The Degnon contracts under the Subway Construction Company have aggregated $8,500,000, but that figure includes the lower Broadway part of the Brooklyn extension tunnel. The three sections of the Manhattan-Bronx line represented something less than $6,000,000. No. 1 extended from Ann Street and Broadway to Chambers and Centre Streets, including the City Hall loop. No. 2 was from Chambers to Great Jones Street. No. 5A was the job that began at Forty-first Street and Park Avenue and ended at Forty-seventh Street and Broadway, embracing the tortuous Forty-second Street work.

Michael J. Degnon is not only one of the great contractors of the country, but he is about the biggest of them in actual size. He towers up six feet and four inches and is proportionately broad. His capacity for work is unlimited, but it's no greater than his good temper, his tact, and his genial manners. He may be solving a problem that figures into the millions, but he never gets excited or bad-humored. His employees tell you that they don't want to work for anybody else as long as he is around.

It was after many visits and much argument on the part of the reporter that Mr. Degnon consented to talk about himself. Finally he agreed to "say just a little."

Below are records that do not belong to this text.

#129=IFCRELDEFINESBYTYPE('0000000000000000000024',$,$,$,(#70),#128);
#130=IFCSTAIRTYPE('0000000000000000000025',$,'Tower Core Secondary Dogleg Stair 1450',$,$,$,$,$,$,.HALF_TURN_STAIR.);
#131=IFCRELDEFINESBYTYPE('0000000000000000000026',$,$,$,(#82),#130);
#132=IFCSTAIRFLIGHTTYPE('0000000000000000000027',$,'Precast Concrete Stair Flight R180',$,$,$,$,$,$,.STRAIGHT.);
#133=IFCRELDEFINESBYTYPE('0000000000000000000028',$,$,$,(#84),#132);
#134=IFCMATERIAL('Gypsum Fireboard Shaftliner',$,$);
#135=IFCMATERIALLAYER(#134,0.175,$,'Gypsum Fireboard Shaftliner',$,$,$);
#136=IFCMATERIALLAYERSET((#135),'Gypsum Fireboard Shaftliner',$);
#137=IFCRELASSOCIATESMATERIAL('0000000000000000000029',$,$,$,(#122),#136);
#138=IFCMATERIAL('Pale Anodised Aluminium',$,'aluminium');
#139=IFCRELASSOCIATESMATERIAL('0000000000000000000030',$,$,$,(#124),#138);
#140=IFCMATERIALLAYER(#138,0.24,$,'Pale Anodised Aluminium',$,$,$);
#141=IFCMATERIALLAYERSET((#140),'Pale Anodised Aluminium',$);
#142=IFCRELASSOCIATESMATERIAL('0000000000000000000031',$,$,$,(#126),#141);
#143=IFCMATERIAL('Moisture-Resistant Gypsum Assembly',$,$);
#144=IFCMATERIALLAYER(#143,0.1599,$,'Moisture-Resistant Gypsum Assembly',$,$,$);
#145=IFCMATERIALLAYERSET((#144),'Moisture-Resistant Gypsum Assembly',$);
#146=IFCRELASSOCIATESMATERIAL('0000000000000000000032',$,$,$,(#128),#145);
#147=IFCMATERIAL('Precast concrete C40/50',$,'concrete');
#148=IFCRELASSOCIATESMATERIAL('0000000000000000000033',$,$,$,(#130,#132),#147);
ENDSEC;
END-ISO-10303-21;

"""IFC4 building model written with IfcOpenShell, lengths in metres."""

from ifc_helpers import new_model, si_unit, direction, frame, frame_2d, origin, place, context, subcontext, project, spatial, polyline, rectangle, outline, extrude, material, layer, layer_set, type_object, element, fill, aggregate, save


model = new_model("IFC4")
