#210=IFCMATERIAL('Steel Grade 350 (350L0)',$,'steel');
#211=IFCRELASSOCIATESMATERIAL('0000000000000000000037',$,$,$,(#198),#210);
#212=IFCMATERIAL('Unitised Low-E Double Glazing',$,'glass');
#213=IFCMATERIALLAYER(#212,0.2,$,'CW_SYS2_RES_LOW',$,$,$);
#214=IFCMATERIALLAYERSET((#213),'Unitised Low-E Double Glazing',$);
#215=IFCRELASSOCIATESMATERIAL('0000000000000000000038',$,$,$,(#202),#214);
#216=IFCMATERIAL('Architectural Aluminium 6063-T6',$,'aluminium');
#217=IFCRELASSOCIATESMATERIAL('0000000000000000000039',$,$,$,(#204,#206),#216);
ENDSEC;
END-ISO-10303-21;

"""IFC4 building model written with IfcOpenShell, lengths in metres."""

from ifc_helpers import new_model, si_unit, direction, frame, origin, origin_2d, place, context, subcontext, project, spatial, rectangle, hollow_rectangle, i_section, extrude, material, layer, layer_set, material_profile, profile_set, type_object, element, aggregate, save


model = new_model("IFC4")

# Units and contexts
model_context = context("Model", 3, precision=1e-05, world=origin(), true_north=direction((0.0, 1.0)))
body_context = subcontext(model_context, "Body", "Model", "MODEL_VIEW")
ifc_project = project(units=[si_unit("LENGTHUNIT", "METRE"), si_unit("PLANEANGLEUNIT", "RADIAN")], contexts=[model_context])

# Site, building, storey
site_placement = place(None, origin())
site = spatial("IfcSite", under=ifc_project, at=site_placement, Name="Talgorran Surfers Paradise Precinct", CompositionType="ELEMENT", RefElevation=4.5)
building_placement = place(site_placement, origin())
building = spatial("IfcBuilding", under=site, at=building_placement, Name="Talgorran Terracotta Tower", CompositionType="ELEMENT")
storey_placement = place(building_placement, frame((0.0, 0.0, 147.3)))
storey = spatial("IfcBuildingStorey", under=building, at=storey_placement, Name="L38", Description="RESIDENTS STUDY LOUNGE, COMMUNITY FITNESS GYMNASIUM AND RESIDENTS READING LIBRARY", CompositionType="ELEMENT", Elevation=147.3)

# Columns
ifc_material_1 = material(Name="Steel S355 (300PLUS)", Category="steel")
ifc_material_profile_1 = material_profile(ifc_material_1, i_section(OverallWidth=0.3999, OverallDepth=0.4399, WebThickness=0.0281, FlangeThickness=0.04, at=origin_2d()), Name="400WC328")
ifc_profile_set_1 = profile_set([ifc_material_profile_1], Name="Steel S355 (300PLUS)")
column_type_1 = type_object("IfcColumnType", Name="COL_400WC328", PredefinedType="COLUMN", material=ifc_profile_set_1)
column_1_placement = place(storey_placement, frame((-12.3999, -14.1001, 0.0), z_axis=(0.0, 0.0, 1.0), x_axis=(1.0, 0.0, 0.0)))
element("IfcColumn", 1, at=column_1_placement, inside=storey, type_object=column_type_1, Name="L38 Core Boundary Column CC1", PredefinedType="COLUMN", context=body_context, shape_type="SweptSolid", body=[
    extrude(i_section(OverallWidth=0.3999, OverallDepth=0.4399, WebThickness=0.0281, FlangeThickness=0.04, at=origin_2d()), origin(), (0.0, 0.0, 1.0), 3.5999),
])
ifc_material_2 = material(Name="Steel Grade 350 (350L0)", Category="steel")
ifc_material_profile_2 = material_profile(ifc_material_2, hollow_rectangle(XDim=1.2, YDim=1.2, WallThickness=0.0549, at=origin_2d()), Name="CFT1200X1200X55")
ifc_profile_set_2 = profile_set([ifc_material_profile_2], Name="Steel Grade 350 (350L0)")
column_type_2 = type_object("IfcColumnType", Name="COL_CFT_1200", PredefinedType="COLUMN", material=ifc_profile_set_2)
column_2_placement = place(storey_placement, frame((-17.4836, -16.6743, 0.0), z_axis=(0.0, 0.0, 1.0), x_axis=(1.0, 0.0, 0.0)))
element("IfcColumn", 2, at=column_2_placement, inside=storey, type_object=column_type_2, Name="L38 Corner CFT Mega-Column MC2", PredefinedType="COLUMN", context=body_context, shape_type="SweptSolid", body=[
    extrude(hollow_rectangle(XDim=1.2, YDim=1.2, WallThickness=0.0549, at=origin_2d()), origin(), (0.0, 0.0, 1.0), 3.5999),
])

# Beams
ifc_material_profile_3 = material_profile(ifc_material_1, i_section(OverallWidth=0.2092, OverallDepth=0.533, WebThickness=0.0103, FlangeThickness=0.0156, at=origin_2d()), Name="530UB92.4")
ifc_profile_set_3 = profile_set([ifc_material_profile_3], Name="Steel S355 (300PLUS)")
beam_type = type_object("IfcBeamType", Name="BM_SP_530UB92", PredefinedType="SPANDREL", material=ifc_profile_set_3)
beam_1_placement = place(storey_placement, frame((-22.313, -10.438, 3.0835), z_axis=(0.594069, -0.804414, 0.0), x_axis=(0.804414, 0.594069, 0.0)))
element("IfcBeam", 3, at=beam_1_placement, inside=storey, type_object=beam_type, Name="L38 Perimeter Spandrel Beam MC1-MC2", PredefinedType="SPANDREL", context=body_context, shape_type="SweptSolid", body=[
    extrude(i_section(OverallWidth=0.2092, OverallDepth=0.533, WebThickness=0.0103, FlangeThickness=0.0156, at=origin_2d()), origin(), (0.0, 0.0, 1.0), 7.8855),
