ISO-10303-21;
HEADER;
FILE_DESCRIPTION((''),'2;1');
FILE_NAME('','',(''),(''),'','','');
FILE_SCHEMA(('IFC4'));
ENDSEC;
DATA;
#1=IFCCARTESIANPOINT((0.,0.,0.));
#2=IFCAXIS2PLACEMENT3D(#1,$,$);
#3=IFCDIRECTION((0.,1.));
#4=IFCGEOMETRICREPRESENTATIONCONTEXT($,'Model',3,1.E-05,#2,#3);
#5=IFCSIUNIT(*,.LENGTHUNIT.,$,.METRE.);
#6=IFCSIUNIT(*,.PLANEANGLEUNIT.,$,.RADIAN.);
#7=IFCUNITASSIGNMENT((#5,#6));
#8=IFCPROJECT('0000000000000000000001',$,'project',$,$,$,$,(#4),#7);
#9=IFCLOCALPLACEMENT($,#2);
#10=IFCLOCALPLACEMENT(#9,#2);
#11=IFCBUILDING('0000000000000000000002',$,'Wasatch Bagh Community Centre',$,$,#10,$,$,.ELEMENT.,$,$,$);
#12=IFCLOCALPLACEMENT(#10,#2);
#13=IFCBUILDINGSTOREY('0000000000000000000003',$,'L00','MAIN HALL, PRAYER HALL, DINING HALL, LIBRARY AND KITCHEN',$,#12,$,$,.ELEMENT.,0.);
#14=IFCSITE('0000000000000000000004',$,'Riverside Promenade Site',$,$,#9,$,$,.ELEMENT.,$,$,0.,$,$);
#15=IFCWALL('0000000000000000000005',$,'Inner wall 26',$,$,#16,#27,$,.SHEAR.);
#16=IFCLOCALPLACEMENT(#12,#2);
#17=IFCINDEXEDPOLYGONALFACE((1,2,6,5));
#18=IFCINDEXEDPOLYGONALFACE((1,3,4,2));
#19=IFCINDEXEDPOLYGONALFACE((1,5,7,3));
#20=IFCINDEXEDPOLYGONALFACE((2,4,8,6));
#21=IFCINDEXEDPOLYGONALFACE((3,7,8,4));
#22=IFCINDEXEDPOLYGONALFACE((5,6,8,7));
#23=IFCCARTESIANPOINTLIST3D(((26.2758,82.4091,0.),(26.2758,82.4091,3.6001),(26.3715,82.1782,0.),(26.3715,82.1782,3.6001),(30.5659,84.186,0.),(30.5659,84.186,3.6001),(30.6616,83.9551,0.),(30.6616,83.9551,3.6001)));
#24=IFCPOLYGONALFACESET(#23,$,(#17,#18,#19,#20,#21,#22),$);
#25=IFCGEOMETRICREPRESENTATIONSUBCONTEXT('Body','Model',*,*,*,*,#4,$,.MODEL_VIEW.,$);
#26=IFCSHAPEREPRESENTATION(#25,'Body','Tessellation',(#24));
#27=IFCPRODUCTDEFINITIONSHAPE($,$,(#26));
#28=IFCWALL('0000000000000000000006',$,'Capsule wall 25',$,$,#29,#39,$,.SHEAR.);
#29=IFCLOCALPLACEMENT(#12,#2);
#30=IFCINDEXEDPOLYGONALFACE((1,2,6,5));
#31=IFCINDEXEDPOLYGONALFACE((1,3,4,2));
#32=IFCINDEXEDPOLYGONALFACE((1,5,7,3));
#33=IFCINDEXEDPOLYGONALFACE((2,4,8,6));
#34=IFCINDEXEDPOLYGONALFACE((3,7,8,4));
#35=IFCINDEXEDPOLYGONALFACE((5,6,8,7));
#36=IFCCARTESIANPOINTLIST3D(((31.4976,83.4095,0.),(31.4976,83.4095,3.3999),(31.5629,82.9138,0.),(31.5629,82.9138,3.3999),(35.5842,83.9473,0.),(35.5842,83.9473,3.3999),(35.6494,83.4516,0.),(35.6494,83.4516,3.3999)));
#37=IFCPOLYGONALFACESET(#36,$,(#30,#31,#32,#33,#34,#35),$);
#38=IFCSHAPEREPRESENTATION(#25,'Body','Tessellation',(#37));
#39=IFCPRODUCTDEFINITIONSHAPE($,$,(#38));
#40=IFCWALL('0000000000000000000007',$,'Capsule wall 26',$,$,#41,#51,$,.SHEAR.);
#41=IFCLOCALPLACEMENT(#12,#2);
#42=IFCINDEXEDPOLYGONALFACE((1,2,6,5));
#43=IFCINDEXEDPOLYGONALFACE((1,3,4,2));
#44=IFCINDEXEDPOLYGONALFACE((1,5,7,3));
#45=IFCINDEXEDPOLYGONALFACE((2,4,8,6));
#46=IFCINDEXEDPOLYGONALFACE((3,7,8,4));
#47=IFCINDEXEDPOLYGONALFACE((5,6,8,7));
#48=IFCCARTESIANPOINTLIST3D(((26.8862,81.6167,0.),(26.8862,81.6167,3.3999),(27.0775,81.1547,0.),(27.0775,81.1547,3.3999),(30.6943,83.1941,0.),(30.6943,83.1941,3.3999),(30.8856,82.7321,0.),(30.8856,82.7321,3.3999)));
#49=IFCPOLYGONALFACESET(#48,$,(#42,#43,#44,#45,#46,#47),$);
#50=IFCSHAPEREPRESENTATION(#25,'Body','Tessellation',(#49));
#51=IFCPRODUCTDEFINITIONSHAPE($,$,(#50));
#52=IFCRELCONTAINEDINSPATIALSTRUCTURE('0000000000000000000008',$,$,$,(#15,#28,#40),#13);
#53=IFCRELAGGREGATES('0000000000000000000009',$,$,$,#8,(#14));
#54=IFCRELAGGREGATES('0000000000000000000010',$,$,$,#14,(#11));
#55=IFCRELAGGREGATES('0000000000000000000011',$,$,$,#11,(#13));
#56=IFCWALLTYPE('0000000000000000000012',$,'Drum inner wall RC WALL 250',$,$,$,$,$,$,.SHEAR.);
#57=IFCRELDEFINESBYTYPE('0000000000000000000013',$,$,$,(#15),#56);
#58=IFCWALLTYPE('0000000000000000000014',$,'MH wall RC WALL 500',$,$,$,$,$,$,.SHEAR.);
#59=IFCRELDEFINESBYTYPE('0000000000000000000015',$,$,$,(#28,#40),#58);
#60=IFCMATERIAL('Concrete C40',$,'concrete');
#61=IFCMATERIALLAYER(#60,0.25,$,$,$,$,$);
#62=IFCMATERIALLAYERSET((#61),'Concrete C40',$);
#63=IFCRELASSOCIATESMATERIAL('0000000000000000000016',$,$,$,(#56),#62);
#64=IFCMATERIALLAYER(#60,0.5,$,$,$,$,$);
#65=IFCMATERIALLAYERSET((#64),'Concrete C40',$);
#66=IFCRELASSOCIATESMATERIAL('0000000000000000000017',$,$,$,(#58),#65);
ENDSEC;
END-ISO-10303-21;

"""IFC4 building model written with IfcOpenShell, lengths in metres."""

from ifc_helpers import new_model, si_unit, direction, frame, frame_2d, origin, place, context, subcontext, project, spatial, rectangle, extrude, material, layer, layer_set, type_object, element, save


model = new_model("IFC4")

# Units and contexts
model_context = context("Model", 3, precision=1e-05, world=origin(), true_north=direction((0.0, 1.0)))
body_context = subcontext(model_context, "Body", "Model", "MODEL_VIEW")
ifc_project = project(units=[si_unit("LENGTHUNIT", "METRE"), si_unit("PLANEANGLEUNIT", "RADIAN")], contexts=[model_context])

# Site, building, storey
site_placement = place(None, origin())
site = spatial("IfcSite", under=ifc_project, at=site_placement, Name="Riverside Promenade Site", CompositionType="ELEMENT", RefElevation=0.0)
building_placement = place(site_placement, origin())
building = spatial("IfcBuilding", under=site, at=building_placement, Name="Wasatch Bagh Community Centre", CompositionType="ELEMENT")
storey_placement = place(building_placement, origin())
storey = spatial("IfcBuildingStorey", under=building, at=storey_placement, Name="L00", Description="MAIN HALL, PRAYER HALL, DINING HALL, LIBRARY AND KITCHEN", CompositionType="ELEMENT", Elevation=0.0)

# Shared definitions
ifc_material_1 = material(Name="Concrete C40", Category="concrete")

# Walls
ifc_layer_1 = layer(ifc_material_1, 0.25)
ifc_layer_set_1 = layer_set([ifc_layer_1], Name="Concrete C40")
wall_type_1 = type_object("IfcWallType", Name="Drum inner wall RC WALL 250", PredefinedType="SHEAR", material=ifc_layer_set_1)
wall_placement = place(storey_placement, frame((30.6138, 84.0706, 0.0), z_axis=(0.0, 0.0, 1.0), x_axis=(-0.92389, -0.382658, 0.0)))
element("IfcWall", 1, at=wall_placement, inside=storey, type_object=wall_type_1, Name="Inner wall 26", PredefinedType="SHEAR", context=body_context, shape_type="SweptSolid", body=[
    extrude(rectangle(XDim=4.6436, YDim=0.25, at=frame_2d((2.3218, 0.0))), origin(), (0.0, 0.0, 1.0), 3.6001),
])
ifc_layer_2 = layer(ifc_material_1, 0.5)
ifc_layer_set_2 = layer_set([ifc_layer_2], Name="Concrete C40")
wall_type_2 = type_object("IfcWallType", Name="MH wall RC WALL 500", PredefinedType="SHEAR", material=ifc_layer_set_2)
for number, where, z_axis, x_axis, name in (
    (2, (35.6169, 83.6995, 0.0), (0.0, 0.0, 1.0), (-0.99145, -0.130484, 0.0), "Capsule wall 25"),
    (3, (30.79, 82.9631, 0.0), (0.0, 0.0, 1.0), (-0.923878, -0.382688, 0.0), "Capsule wall 26"),
):
    element("IfcWall", number, at=place(storey_placement, frame(where, z_axis=z_axis, x_axis=x_axis)), inside=storey, type_object=wall_type_2, Name=name, PredefinedType="SHEAR", context=body_context, shape_type="SweptSolid", body=[
        extrude(rectangle(XDim=4.1218, YDim=0.5, at=frame_2d((2.061, 0.0))), origin(), (0.0, 0.0, 1.0), 3.3999),
    ])

save(model, "model.ifc")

"I was born in Geneva, near Cleveland, Ohio, in 1857," he began. "My father died when I was a child, and I lived with my mother on the farm and attended the public schools till I was eighteen years old. Then I started to work on a railroad. Before I was twenty-two I did all sorts of work, from laborer up to Superintendent of Construction. After that I began contracting. and I've been at it steadily since 1880. I've done jobs for a dozen railroads in different States, among them the New York Central, several roads in Ohio and Michigan, the Chicago, Milwaukee and St. Paul in Iowa, the Atchison in Illinois, Missouri, and other States, and various electric lines of the West.

"Since forming the Degnon Company in 1896 we have completed some large contracts, including the pneumatic caissons and towers and anchorages on the Brooklyn side of the Williamsburg Bridge, the foundations for a railway bridge over the St. Lawrence River, the Norfolk terminals for the Southern Railway, the Dismal Swamp Canal in Virginia and North Carolina, and Sections 1 and 2 and 5A of the Manhattan-Bronx Subway. We are now at work on the lower Broadway section of the Brooklyn extension of the Subway, the Long Island Railroad terminal in Brooklyn, and the Gould-Wabash tide water railway and terminals in Maryland."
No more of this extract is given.